Se você quer criar um banco de dados de todos os que estiverem concorrendo, entre os pontos que seria ótimo observar estariam:
1. Qualquer acusação criminal contra eles.
2. Anos como legislador, polítíco, etc. (se tiver)
3. Patrimônio ou renda (se disponível)
4. Leis que propôs.
5. Empresas ou interesses privados que se beneficiaram de leis que eles propuseram.
(...) Projetos grandes podem nos deixar muito humildes. Como vamos terminar tudo? Teremos a energia e a força de vontade para terminar? Terei paciência para ir até o fim?
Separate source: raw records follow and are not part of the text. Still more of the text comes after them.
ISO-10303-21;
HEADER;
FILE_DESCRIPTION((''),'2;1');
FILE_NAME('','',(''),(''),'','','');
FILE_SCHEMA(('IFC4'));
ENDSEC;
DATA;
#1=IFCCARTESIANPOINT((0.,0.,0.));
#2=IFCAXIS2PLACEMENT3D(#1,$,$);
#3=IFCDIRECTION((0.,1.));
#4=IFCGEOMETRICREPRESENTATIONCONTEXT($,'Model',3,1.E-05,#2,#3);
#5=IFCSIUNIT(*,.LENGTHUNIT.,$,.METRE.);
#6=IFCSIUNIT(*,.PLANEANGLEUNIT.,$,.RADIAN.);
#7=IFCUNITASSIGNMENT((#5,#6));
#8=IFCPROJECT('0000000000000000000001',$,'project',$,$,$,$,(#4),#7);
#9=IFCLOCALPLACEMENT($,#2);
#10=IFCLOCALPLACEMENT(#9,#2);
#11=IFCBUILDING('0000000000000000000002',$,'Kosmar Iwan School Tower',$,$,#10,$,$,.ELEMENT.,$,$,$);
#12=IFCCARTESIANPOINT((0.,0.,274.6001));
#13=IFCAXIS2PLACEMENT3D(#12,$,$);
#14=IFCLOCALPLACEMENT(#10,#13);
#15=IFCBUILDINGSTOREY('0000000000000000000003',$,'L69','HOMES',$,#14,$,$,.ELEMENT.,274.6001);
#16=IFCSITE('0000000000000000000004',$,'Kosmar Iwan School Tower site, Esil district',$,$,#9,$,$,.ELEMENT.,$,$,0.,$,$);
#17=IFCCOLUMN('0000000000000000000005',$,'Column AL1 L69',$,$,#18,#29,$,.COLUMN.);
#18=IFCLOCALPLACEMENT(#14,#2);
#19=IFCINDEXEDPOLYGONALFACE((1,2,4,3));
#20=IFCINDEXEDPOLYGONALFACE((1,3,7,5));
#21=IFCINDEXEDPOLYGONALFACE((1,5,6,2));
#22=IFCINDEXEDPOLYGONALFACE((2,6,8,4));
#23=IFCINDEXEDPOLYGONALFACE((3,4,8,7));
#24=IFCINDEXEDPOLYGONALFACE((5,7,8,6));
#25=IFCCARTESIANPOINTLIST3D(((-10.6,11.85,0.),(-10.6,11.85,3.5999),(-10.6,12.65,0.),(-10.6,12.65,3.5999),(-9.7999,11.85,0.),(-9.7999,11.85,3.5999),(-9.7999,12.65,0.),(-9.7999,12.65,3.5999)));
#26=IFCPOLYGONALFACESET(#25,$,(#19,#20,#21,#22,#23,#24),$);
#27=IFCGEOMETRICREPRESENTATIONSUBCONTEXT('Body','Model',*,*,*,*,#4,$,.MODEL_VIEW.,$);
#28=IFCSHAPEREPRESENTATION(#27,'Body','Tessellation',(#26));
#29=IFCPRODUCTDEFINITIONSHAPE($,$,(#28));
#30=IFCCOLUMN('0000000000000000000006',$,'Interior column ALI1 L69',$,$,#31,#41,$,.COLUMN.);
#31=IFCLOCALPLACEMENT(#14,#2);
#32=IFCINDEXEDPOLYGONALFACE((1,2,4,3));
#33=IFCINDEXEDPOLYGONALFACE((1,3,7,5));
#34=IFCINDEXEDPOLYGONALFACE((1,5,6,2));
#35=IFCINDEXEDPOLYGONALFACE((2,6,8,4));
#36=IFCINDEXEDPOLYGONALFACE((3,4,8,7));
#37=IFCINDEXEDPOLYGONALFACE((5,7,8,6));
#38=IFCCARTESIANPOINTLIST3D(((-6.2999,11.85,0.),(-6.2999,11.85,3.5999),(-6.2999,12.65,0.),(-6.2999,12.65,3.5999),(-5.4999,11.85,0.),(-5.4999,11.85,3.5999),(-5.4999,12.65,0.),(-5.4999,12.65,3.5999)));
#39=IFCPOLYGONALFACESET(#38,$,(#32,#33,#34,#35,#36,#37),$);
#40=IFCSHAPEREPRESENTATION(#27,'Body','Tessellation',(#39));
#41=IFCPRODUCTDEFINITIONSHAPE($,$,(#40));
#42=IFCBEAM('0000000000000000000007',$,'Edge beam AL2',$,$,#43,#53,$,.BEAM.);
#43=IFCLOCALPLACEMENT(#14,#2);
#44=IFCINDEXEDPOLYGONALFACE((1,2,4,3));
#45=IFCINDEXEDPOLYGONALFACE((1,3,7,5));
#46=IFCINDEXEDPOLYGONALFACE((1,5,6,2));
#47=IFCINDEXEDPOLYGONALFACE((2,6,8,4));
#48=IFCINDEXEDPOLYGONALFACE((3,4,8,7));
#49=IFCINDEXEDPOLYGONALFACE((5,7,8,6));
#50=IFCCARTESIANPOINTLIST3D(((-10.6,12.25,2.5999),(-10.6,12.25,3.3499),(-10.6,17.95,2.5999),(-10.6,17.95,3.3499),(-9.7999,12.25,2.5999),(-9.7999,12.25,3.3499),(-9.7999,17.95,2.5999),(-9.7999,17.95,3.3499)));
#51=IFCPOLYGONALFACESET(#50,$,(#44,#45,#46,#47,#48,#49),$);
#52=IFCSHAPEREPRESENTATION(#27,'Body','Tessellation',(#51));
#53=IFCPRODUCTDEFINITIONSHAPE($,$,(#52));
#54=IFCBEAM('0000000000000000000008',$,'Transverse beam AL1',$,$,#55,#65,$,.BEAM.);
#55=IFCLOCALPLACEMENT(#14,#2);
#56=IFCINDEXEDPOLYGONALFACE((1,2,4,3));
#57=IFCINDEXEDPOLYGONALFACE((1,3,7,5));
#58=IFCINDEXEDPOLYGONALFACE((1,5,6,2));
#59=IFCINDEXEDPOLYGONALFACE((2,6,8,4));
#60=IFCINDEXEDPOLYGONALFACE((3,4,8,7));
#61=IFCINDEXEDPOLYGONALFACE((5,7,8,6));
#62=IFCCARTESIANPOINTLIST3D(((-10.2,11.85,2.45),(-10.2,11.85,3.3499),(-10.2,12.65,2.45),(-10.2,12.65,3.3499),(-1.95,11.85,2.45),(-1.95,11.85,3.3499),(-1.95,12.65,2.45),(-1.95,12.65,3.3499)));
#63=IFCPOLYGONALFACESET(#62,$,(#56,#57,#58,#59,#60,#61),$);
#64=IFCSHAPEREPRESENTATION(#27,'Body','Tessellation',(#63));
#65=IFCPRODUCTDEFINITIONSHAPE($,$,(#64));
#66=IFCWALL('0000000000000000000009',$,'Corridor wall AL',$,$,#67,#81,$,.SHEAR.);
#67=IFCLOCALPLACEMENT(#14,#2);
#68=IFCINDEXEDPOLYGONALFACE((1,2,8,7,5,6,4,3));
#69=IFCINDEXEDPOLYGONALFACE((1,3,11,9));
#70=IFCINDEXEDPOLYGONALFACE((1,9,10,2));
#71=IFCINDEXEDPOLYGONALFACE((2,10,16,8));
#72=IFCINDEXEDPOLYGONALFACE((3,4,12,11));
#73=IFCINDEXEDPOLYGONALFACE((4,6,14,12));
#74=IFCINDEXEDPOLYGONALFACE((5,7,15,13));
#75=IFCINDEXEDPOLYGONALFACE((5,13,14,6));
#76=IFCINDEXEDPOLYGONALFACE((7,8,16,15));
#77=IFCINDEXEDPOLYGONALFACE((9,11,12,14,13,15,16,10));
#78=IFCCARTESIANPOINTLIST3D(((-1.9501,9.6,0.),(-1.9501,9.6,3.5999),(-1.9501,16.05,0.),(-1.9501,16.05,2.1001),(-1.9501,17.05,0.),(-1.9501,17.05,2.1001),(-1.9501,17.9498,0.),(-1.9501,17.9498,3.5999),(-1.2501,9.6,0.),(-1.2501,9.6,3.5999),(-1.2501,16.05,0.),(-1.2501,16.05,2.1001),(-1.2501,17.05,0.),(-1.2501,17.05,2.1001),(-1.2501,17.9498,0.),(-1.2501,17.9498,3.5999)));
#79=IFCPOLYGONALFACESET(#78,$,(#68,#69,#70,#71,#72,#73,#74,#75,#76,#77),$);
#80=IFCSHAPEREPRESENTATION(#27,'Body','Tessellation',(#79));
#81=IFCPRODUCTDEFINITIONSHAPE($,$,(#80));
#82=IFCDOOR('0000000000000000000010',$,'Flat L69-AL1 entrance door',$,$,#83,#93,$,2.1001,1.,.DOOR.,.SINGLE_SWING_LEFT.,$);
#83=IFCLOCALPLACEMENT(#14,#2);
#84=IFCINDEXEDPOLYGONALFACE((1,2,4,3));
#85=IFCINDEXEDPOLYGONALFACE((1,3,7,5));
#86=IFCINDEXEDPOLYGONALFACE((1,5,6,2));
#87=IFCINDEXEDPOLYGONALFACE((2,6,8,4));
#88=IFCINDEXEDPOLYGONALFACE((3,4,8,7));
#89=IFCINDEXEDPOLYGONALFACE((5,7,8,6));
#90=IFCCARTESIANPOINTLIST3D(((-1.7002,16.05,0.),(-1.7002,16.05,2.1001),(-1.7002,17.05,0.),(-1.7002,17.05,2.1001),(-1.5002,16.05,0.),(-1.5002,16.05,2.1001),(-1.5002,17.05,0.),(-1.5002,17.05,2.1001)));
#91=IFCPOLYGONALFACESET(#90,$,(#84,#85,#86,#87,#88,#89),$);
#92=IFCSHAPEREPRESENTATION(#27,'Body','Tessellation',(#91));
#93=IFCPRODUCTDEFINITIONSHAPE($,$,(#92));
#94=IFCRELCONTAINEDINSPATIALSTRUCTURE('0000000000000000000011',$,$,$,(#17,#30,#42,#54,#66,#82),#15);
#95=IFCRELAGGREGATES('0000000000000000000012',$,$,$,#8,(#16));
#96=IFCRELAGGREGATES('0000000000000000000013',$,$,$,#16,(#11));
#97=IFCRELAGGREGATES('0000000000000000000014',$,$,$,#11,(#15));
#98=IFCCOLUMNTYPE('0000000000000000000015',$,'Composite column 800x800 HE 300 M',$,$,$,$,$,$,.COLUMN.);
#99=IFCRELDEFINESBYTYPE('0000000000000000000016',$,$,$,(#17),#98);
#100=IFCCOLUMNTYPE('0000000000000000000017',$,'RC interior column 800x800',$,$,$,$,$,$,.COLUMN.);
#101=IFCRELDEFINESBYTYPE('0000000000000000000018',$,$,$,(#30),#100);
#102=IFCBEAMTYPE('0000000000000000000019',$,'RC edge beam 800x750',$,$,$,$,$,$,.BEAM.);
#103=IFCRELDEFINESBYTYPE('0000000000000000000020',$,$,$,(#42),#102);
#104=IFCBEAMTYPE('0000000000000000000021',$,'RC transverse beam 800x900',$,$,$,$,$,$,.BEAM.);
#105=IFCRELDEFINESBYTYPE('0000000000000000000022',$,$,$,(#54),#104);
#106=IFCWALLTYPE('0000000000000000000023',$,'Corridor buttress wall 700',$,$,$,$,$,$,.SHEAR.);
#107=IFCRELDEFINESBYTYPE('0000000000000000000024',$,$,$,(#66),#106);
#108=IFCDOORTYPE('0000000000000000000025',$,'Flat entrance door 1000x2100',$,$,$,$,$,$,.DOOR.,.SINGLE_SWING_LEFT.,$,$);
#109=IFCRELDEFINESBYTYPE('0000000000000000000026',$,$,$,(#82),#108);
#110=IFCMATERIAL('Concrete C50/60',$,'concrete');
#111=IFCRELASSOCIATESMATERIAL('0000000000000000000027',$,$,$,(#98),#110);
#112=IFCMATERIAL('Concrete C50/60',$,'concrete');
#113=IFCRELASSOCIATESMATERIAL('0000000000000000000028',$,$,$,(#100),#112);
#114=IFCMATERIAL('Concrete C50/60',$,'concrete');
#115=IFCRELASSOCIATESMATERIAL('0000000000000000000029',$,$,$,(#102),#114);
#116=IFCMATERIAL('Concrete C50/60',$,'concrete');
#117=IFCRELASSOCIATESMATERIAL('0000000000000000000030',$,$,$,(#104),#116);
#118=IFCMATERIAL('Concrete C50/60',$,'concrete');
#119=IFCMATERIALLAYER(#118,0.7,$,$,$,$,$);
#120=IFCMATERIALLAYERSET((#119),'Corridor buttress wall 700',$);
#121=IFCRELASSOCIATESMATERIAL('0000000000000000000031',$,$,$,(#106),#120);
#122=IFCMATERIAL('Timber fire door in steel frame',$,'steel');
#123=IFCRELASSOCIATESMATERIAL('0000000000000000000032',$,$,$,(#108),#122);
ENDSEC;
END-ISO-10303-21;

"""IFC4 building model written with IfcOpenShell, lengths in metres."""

from ifc_helpers import new_model, si_unit, direction, frame, frame_2d, origin, origin_2d, place, context, subcontext, project, spatial, rectangle, extrude, material, layer, layer_set, material_profile, profile_set, type_object, element, fill, save


model = new_model("IFC4")

# Units and contexts
model_context = context("Model", 3, precision=1e-05, world=origin(), true_north=direction((0.0, 1.0)))
body_context = subcontext(model_context, "Body", "Model", "MODEL_VIEW")
ifc_project = project(units=[si_unit("LENGTHUNIT", "METRE"), si_unit("PLANEANGLEUNIT", "RADIAN")], contexts=[model_context])

# Site, building, storey
site_placement = place(None, origin())
site = spatial("IfcSite", under=ifc_project, at=site_placement, Name="Kosmar Iwan School Tower site, Esil district", CompositionType="ELEMENT", RefElevation=0.0)
building_placement = place(site_placement, origin())
building = spatial("IfcBuilding", under=site, at=building_placement, Name="Kosmar Iwan School Tower", CompositionType="ELEMENT")
storey_placement = place(building_placement, frame((0.0, 0.0, 274.6001)))
storey = spatial("IfcBuildingStorey", under=building, at=storey_placement, Name="L69", Description="HOMES", CompositionType="ELEMENT", Elevation=274.6001)

# Columns
ifc_material_1 = material(Name="Concrete C50/60", Category="concrete")
ifc_material_profile_1 = material_profile(ifc_material_1, rectangle(XDim=0.8, YDim=0.8, at=origin_2d()), Name="RC 800x800 + HE 300 M")
ifc_profile_set_1 = profile_set([ifc_material_profile_1], Name="Concrete C50/60")
column_type_1 = type_object("IfcColumnType", Name="Composite column 800x800 HE 300 M", PredefinedType="COLUMN", material=ifc_profile_set_1)
column_1_placement = place(storey_placement, frame((-10.2, 12.25, 0.0), z_axis=(0.0, 0.0, 1.0), x_axis=(0.0, 1.0, 0.0)))
element("IfcColumn", 1, at=column_1_placement, inside=storey, type_object=column_type_1, Name="Column AL1 L69", PredefinedType="COLUMN", context=body_context, shape_type="SweptSolid", body=[
    extrude(rectangle(XDim=0.8, YDim=0.8, at=origin_2d()), origin(), (0.0, 0.0, 1.0), 3.5999),
])
ifc_material_2 = material(Name="Concrete C50/60", Category="concrete")
ifc_material_profile_2 = material_profile(ifc_material_2, rectangle(XDim=0.8, YDim=0.8, at=origin_2d()), Name="RC 800x800")
ifc_profile_set_2 = profile_set([ifc_material_profile_2], Name="Concrete C50/60")
column_type_2 = type_object("IfcColumnType", Name="RC interior column 800x800", PredefinedType="COLUMN", material=ifc_profile_set_2)
column_2_placement = place(storey_placement, frame((-5.8999, 12.25, 0.0), z_axis=(0.0, 0.0, 1.0), x_axis=(0.0, 1.0, 0.0)))
element("IfcColumn", 2, at=column_2_placement, inside=storey, type_object=column_type_2, Name="Interior column ALI1 L69", PredefinedType="COLUMN", context=body_context, shape_type="SweptSolid", body=[
    extrude(rectangle(XDim=0.8, YDim=0.8, at=origin_2d()), origin(), (0.0, 0.0, 1.0), 3.5999),
])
Acho que todos nós que fazemos grandes projetos de longo alcance nos fazemos essas perguntas durante o trabalho. Mas é claro que vale a pena.
A carta é de novembro de 2005, quando eu estava em minha fase final na Abraji. Em março, apresentei a idéia à Transparência Brasil. Em 1º de agosto, a versão completamente madura dessas idéias virou o projeto Excelências, vencedor do prêmio Esso de Melhor Contribuição à Imprensa no ano passado.
Pouco depois de a bola do Excelências começar a rolar, porém, Steele e seu colega Barlett foram demitidos da Time. A revista alegou corte de custos (é caro manter excelentes repórteres). Poucos dias depois da demissão, outra revista do grupo Time pagou US$ 4 milhões por fotos exclusivas da primeira filha do Tom Cruise. Perdi contato com ele, e se ele soube do sucesso do projeto foi por meio do mestre Meyer. Fiquei feliz quando soube que eles estavam na Vanity Fair, mas não tive tempo de procurar seu e-mail.
Vou atrás dele hoje - preciso comentar a reportagem recente da dupla.